Any and all info would be appreciated.  I cannot use this site if the security is not up to par.  

Mike


----------



## dirtsailor2003 (Feb 4, 2016)

Slow down Mike. This is the low and slow smoking forum! 

You may have just joined at the wrong time. The website went through a major overhaul overnight and things aren't what they were. Seems that they are still
Working on the site. Give it a few days to see if they web gurus work out the kinks. SMF is one of the best Smoking forums on the web.


----------



## chef jimmyj (Feb 4, 2016)

The format is different but I am having zero problems. Speed on Chrome is unchanged, no notifications from Norton and no change seen on my Phone. Now I am a Premier Member and have the Ads turned off. Maybe that makes a difference. Anybody else seeing the above problems?...JJ


----------



## pc farmer (Feb 4, 2016)

I am having no problem here either JJ.

I use Chrome on my laptop and phone works the same.


----------



## vegasrc1 (Feb 4, 2016)

How do I disable ads?  I'm pretty sure they have a lot to do with the speed.  Walmart is the only other site I have ever had slow and warnings I got were there was long script.  I hope it gets corrected because have been here(website) a few days and enjoy it.


----------



## pc farmer (Feb 4, 2016)

Have to buy a membership to disable ads.


----------



## chef jimmyj (Feb 4, 2016)

Here is info and a link to join...JJ

*The payment options are:*

1 year ($15)
2 years($25)
3 years ($40)
99 years ($100)
Being a Premier Member gives you a few perks but it also gives you the sense of satisfaction that you are supporting a good thing.

*The perks are:*

Ability to use a custom user title below your username on every post
Ability to add commercial or outbound links in your signature
Ad free browsing (must be turned off manually in your profile area)

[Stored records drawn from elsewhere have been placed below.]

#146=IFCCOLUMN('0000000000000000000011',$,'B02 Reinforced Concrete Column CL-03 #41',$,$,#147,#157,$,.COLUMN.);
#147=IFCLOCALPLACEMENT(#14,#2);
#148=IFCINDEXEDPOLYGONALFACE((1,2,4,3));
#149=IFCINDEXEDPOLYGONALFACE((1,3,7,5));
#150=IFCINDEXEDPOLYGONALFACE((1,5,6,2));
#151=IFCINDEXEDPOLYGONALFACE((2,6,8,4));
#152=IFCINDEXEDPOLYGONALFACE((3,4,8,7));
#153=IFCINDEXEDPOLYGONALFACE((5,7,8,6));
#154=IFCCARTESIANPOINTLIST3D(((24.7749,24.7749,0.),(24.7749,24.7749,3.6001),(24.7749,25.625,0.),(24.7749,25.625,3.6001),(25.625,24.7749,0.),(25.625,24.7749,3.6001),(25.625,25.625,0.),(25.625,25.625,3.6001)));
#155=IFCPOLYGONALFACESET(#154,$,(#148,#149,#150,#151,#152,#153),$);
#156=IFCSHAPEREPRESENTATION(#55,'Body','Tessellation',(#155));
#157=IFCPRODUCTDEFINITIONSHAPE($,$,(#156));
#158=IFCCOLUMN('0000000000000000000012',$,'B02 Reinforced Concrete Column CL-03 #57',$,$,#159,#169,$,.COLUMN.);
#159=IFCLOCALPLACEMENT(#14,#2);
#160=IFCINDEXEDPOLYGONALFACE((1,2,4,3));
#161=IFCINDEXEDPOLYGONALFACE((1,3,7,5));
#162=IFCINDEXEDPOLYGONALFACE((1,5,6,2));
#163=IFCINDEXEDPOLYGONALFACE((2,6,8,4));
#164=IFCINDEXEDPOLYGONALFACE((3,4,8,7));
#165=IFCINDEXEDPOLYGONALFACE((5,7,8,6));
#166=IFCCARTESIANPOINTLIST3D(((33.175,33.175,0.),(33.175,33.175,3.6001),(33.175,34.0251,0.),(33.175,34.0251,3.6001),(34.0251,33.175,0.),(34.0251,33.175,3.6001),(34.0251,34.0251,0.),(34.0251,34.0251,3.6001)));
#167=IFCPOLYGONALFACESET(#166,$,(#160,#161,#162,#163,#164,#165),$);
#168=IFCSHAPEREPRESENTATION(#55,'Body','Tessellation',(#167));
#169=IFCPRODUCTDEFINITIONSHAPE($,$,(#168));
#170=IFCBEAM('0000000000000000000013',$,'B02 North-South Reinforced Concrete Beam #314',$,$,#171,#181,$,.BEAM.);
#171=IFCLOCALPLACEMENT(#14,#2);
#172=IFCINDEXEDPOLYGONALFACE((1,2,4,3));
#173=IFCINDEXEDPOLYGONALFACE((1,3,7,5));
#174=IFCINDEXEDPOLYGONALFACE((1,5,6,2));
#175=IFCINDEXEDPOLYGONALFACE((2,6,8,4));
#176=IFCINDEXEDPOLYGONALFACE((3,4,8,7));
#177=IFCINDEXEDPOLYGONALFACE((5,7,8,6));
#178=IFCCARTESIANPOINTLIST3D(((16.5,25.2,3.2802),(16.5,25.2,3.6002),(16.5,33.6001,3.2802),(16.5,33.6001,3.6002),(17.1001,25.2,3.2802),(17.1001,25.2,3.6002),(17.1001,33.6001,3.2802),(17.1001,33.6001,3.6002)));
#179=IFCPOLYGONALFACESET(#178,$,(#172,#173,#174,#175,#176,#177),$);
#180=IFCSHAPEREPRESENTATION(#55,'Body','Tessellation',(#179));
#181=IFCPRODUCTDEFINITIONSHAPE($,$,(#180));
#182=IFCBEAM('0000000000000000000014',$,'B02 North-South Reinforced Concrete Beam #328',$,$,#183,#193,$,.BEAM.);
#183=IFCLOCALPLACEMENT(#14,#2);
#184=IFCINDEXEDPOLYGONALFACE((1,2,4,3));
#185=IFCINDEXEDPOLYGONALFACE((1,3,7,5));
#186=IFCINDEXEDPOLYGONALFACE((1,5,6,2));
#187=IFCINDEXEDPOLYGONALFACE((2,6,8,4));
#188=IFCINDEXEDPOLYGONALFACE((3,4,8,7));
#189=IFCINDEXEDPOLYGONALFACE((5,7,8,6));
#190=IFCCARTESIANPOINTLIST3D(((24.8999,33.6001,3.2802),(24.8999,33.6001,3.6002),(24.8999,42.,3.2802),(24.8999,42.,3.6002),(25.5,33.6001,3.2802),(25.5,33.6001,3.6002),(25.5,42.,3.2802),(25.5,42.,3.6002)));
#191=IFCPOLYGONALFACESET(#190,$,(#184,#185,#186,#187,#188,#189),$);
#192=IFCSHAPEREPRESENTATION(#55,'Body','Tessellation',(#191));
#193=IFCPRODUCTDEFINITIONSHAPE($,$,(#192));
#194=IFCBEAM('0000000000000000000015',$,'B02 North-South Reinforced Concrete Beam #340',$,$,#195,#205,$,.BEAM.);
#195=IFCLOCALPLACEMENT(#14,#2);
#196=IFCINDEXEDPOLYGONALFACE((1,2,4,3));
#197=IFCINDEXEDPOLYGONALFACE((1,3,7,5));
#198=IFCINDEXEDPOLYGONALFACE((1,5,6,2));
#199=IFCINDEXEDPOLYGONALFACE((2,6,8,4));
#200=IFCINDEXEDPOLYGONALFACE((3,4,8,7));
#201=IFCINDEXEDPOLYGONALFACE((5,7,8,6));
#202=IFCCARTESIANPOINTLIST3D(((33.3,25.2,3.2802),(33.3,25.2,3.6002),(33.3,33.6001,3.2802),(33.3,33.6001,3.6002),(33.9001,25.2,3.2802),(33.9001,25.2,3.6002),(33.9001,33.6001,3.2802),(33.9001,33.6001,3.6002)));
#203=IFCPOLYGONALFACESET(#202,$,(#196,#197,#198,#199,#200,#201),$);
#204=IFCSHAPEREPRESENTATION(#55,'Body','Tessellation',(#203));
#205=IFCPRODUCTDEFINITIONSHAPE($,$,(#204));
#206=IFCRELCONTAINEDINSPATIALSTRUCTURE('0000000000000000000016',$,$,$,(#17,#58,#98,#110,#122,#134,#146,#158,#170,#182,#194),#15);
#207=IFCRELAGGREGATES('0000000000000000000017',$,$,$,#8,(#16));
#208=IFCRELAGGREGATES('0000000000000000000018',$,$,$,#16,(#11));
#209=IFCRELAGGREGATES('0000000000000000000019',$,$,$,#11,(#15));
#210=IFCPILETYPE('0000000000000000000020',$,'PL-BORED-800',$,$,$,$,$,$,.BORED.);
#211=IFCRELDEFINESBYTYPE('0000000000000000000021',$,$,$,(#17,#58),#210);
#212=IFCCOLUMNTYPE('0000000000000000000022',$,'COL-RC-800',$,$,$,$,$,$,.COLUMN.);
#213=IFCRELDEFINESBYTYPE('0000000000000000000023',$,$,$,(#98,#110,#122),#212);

http://www.smokingmeatforums.com/payment.php


----------



## vegasrc1 (Feb 5, 2016)

Chef JimmyJ said:


> Here is info and a link to join...JJ
> 
> 
> *The payment options are:*
> ...



I actually wouldn't mind helping out with a membership but I need a guarantee it will fix the webpage/loading issues.  Love the website I just can't continue to use it when pages aren't even encrypted(chrome warns).  Edge browser is almost non functioning it's so slow and doesn't fully type each key or word. My cell phone won't let me post pictures and is transferring data constantly draining my battery... 

So you see, I am not irritated.... anymore. I just don't want to use something that is warning me from all angles.  Now on my pc I need to enable JavaScript(I know little about computers) to sign in. Soon as I do it kills the speed of my computer. Bummer, cellphone is not the way I want to browse this website.


----------



## chef jimmyj (Feb 6, 2016)

I'm not a Tech guy anymore. Last computer I repaired was a 386 in the early 90's. PM Bmudd14474. He is the IT guy for the site...JJ


----------



## dwhite1031 (Feb 6, 2016)

I am an IT guy for the State of Texas but I don't play one on TV......

Microsoft released Edge as a complete replacement to Internet Explorer.  It is based on an entirely new & separate engine than Internet Explorer & doesn't support ActiveX or browser helper objects.  Since Edge is only available in Windows 10, I will assume accordingly that you are using a Windows 10 device.  

Internet Explorer is included in Windows 10 in order to provide legacy support for web sites requiring AcrtiveX, etc.  I suggest you try launching this web site in Internet Explorer instead of Edge, & you should see better performance.


----------



## boykjo (Feb 6, 2016)

VegasRC1 said:


> Ok, I am new to this site and have had issues with it since day one(look at 1 of 2 roll call posts).  I cannot use my Edge browser because I cannot type or see text with the delay. My android phone works but I cannot post pictures from it.  I download Chrome and it is slow to load pages and has hundreds of cookies. It also warns me that the identity of the site cannot be identified and the connection is NOT ENCRYPTED!!  I have screen shots of this in one of my 2 roll call posts.
> 
> I was able to use Chrome with some success but I had to disable java script and cookies until today.  Now I have to enable the java script to sign in from my PC.  When I did it says in the bottom left of my screen all kinds of ads and connections being made and verified.  How am I supposed to use this awesome site if it has a problem? I love that it has information from so many different topics but I cannot continue to use it when there seems(my opinion) to be some security issue.  My android phone works but there is so much data being transferred that my battery died half way through the day and battery usage says over 75% Chrome.
> 
> ...


Download adblock plus. I have it on everything I own and its free... your puter will thank you.....

Joe


----------



## jprzybilla (Feb 27, 2016)

This site is very slow on my Internet Explorer, eventually locks up if I continue through Windows 10. Seems to work on Google Chrome.


----------



## noboundaries (Jun 24, 2016)

Old thread, but I started having the same issues when the Forum was getting spammed all the time last year.  It can take 30 seconds for a page to load or change.  I've used Explorer with Windows 7 and Edge with Windows 10, same issue.  Happy to help with membership (now paid as of today) so we'll see if that helps when it kicks in and the ads go away.  I hope so because I actually do miss spending a few hours a day here.

Happy smoking!

Ray


----------



## gonavy (Jun 29, 2016)

Noboundaries said:


> Old thread, but I started having the same issues when the Forum was getting spammed all the time last year.  It can take 30 seconds for a page to load or change.  I've used Explorer with Windows 7 and Edge with Windows 10, same issue.  Happy to help with membership (now paid as of today) so we'll see if that helps when it kicks in and the ads go away.  I hope so because I actually do miss spending a few hours a day here.
> 
> Happy smoking!
> 
> Ray


Ray you still having slowness issues, if so I just posted a thread on turning on IPV6 addressing.  Really added some speed to my access to this site, seems this site must use the IPV6 address system made things much faster for me, don't know if it will work for every one, but worth a look see


----------



## noboundaries (Jun 29, 2016)

Thanks GN!  I'll find the thread and give it a try!


----------